Friday, December 28, 2018

The moving finger having writ moves on

The other night I keyed a long e-mail to an old friend who began driving bus shortly after me — May of 1977.
We became friends despite him being hyper-religious, although more loving than my judgmental father.
He was one of many bus-drivers trying to convert me. Jehovah’s Witnesses, Bible-thumping Baptists, Latter-Day-Saints, and in his case evangelical Catholic.
He ran the gamut during our employ. He was evangelical Protestant when we began, but returned to the Catholicism of his childhood.
I drove transit bus 16&1/2 years, and it ended with my stroke over 25 years ago. Bus-driving was supposed to be temporary. I was unable to find employ as a writer. I stayed with it because it paid fairly well.
After 16&1/2 years I was tiring of it. I test-drove every experimental, and mastered articulated (hinged, bendable) buses. Transit management assigned me the experimentals because they wanted my wordy evaluations — the writer-jones.
Our clientele was the trigger. I picked rural runs where passengers weren’t so difficult. I also did “school-work,” taking teenagers to a technical high-school on the western edge of Rochester.
My passengers loved me because I was a bleeding-heart liberal. I rode bus myself when younger.
When I went on vacation I told my passengers to be at their stops five minutes earlier, since I started five minutes late. I got downtown on time.
I also knew all the secret time-saving detours in case expressways clogged. I learned how to skirt traffic-jams, and if a passenger wasn’t at their stop I looked for him/her.
If some slum-kid was running after me, I broke all the rules and stopped. I wasn’t stickin’ it to that kid.
Bleeding-heart liberal or not, there were always passengers hot to mug me. I was looking at 14 more years. My stroke ended my bus-driving. That stroke was caused by an undiagnosed heart-defect, later repaired with open-heart surgery — I have “the zipper.”
I recovered well enough from my stroke to be employed by a newspaper — a paragraph factory. I wasn’t exactly writing, but I did some at first. It was more editing, and generating copy to fill the newspaper.
I call it “the BEST job I ever had.” I consider it a phase in recovery from my difficult childhood. The initial phase was college, Houghton College (“HO-tin;” as in “hoe,” not “how” or “who”), the first religious institution to value and solicit my opinions instead of automatically categorizing me a threat.
The second phase was my wife, the first girl who actually liked me. I was convinced at an early age no girl would ever like me.
My wife died almost seven years ago. I was devastated for a while. She was the best friend I ever had. My bereavement counselor suggests my wife filled a gigantic void = someone actually liking me instead of badmouthing me as did my parents, etc.
Now I seem to be moving on to the next phase = actually liking myself. But 70 years late, in my humble opinion. Part of that is my childhood, but part was because I was married to a girl who actually liked me. I could hide. My social-graces are minimal.
With my wife gone, I’m on-my-own, and I experience incredible success. Start the conversation myself. If that bombs, it ain’t my fault. 10 years ago I hardly spoke to anyone — no one would wanna talk to me.
My friend bewailed not attending the Transit retirees Christmas banquet. I did, of course. I force myself to attend these functions per bereavement counselor advice.
I made many friends at Transit, despite feeling out-of-it. I loathe losing ‘em. But my friend needed to know I am no longer the wuss who drove bus. I also am no longer the dude I was while married = able to avoid social contact.
Successes are piling up. Start the conversation yourself. Let ‘em talk, and they gush all over me. Often they wanna hear what I say.
70 years late I’m discovering this, and bus-driving recedes into the filmy past.
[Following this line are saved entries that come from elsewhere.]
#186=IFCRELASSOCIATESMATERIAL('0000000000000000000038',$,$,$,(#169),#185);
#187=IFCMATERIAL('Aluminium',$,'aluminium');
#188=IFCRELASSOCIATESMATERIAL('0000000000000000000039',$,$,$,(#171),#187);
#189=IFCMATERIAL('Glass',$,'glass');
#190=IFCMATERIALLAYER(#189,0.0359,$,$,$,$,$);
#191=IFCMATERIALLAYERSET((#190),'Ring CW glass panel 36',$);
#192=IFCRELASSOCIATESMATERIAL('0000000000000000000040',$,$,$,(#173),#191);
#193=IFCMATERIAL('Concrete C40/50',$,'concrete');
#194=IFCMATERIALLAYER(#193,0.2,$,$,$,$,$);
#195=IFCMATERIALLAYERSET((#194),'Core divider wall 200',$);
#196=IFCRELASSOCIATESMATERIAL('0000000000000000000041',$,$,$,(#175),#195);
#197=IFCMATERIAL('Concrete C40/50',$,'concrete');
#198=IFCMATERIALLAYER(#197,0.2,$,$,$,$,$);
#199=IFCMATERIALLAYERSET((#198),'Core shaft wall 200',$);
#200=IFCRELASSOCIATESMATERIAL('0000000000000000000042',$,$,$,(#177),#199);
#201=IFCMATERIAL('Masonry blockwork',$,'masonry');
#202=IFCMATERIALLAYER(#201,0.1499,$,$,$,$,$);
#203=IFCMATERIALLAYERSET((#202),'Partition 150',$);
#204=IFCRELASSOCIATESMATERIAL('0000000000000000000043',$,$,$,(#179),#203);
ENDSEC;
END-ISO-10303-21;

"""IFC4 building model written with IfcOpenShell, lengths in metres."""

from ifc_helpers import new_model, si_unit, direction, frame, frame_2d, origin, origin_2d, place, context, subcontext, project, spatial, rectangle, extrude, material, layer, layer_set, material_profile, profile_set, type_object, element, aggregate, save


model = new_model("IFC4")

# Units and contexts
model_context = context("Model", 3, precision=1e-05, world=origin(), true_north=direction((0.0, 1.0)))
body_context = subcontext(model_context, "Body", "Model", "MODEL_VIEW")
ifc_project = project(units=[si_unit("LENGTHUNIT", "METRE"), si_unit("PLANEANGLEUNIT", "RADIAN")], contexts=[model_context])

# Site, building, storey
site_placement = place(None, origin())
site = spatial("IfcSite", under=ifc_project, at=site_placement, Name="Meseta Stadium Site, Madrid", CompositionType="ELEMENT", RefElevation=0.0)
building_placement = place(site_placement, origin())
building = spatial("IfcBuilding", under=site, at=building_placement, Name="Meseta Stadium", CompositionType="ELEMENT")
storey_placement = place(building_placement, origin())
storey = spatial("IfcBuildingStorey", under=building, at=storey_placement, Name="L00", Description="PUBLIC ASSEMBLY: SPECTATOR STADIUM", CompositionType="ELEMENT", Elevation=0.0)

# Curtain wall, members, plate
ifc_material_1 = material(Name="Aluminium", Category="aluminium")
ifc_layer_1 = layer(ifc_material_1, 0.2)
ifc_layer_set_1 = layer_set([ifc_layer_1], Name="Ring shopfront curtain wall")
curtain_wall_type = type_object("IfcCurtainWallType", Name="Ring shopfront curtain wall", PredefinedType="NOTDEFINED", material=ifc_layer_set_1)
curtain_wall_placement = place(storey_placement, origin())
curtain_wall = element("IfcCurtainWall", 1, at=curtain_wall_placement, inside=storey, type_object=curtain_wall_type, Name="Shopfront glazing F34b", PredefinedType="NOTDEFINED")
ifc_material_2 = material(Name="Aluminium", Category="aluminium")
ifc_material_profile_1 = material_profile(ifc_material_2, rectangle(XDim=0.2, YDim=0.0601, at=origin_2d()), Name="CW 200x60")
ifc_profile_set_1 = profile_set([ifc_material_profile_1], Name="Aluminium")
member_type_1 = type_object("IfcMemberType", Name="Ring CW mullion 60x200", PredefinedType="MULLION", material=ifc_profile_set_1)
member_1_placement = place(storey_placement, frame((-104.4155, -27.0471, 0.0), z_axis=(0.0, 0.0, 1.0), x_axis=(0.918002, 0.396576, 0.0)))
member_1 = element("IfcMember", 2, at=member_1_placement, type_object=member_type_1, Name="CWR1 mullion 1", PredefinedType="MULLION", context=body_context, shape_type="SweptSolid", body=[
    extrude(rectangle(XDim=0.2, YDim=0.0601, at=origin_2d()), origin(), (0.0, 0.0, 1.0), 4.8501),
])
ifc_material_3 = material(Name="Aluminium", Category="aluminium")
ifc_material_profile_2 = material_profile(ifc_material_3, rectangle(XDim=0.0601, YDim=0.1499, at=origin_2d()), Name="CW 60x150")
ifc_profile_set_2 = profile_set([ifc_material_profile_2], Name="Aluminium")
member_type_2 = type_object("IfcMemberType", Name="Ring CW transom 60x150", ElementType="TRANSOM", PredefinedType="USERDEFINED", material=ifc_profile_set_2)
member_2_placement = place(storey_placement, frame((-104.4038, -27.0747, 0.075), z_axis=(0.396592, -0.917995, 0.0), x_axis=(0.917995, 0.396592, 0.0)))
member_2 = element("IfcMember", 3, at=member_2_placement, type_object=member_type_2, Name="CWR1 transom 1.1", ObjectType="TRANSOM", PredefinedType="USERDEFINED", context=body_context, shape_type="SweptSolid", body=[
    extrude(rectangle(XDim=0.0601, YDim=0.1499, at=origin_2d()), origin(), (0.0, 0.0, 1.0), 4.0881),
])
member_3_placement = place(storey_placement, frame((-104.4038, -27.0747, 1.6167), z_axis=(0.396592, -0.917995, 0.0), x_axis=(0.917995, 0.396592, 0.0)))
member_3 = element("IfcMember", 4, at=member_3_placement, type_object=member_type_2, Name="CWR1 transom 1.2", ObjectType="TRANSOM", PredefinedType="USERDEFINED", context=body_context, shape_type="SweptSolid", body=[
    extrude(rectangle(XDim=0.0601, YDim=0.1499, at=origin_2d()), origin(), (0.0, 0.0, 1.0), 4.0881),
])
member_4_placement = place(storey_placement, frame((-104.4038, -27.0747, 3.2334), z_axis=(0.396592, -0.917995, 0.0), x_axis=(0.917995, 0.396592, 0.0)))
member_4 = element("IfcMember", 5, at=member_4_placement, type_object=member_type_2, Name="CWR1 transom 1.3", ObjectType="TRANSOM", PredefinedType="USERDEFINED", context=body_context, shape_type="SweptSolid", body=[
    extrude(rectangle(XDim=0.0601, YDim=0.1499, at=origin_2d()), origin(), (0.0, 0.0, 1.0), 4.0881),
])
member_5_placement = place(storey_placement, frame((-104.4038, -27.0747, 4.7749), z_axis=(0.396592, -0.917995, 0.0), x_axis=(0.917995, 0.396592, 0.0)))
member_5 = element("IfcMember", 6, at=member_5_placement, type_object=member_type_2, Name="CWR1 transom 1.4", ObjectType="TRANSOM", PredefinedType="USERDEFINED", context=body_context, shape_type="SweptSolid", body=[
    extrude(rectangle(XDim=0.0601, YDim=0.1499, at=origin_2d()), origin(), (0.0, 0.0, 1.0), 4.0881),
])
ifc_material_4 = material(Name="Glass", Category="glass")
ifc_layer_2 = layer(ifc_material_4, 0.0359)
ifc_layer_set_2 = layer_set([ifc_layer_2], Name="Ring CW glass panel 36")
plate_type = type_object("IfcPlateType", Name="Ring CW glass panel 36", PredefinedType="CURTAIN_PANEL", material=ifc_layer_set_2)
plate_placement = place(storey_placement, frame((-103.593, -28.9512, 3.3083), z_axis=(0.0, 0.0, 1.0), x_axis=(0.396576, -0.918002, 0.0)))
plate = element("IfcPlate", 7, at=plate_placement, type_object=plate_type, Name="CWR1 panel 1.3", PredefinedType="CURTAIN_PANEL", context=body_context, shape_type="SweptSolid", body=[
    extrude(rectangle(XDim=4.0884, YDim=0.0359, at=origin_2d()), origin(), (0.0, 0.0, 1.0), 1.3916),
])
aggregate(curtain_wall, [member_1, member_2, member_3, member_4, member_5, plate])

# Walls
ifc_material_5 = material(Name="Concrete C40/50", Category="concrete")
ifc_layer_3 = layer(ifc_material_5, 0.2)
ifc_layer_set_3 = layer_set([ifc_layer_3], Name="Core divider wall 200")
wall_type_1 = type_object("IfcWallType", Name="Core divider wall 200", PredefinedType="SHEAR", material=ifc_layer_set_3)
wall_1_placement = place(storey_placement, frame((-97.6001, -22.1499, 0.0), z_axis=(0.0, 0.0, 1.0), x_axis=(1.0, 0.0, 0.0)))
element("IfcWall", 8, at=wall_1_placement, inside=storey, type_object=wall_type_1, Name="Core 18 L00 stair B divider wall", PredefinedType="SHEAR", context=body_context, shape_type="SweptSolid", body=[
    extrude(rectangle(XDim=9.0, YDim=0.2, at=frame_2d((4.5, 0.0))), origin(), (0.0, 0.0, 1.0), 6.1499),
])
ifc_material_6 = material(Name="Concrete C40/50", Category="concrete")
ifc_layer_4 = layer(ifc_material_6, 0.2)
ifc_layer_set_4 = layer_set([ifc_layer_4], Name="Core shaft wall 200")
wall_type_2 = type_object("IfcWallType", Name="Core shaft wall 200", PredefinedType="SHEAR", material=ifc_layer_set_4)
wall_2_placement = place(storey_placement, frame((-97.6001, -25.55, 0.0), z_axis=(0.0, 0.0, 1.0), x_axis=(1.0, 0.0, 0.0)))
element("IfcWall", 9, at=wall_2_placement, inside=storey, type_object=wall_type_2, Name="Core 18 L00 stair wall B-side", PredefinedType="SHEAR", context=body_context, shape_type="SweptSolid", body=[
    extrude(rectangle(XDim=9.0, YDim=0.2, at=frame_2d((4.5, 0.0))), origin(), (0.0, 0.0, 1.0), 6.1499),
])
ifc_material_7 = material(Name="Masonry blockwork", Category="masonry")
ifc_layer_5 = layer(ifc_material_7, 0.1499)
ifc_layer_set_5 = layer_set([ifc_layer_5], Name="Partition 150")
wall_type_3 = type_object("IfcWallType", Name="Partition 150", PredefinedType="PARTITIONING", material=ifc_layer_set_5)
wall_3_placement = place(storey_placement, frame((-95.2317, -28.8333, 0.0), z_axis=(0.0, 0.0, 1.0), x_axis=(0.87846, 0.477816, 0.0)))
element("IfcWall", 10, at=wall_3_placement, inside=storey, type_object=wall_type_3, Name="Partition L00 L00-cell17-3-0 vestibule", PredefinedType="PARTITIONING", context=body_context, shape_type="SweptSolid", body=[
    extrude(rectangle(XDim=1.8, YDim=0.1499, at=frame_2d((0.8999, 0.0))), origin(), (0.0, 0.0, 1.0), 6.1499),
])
• “The moving finger having writ moves on...” is a misquote from the Rubáiyát of Omar Khayyám. “The Moving Finger writes; and, having writ, Moves on...”
• “Transit” equals Regional Transit Service, the public transit-bus operator in Rochester, NY, where I drove bus for 16&1/2 years (1977-1993). My stroke October 26th, 1993 ended that. I retired on medical-disability. I recovered fairly well.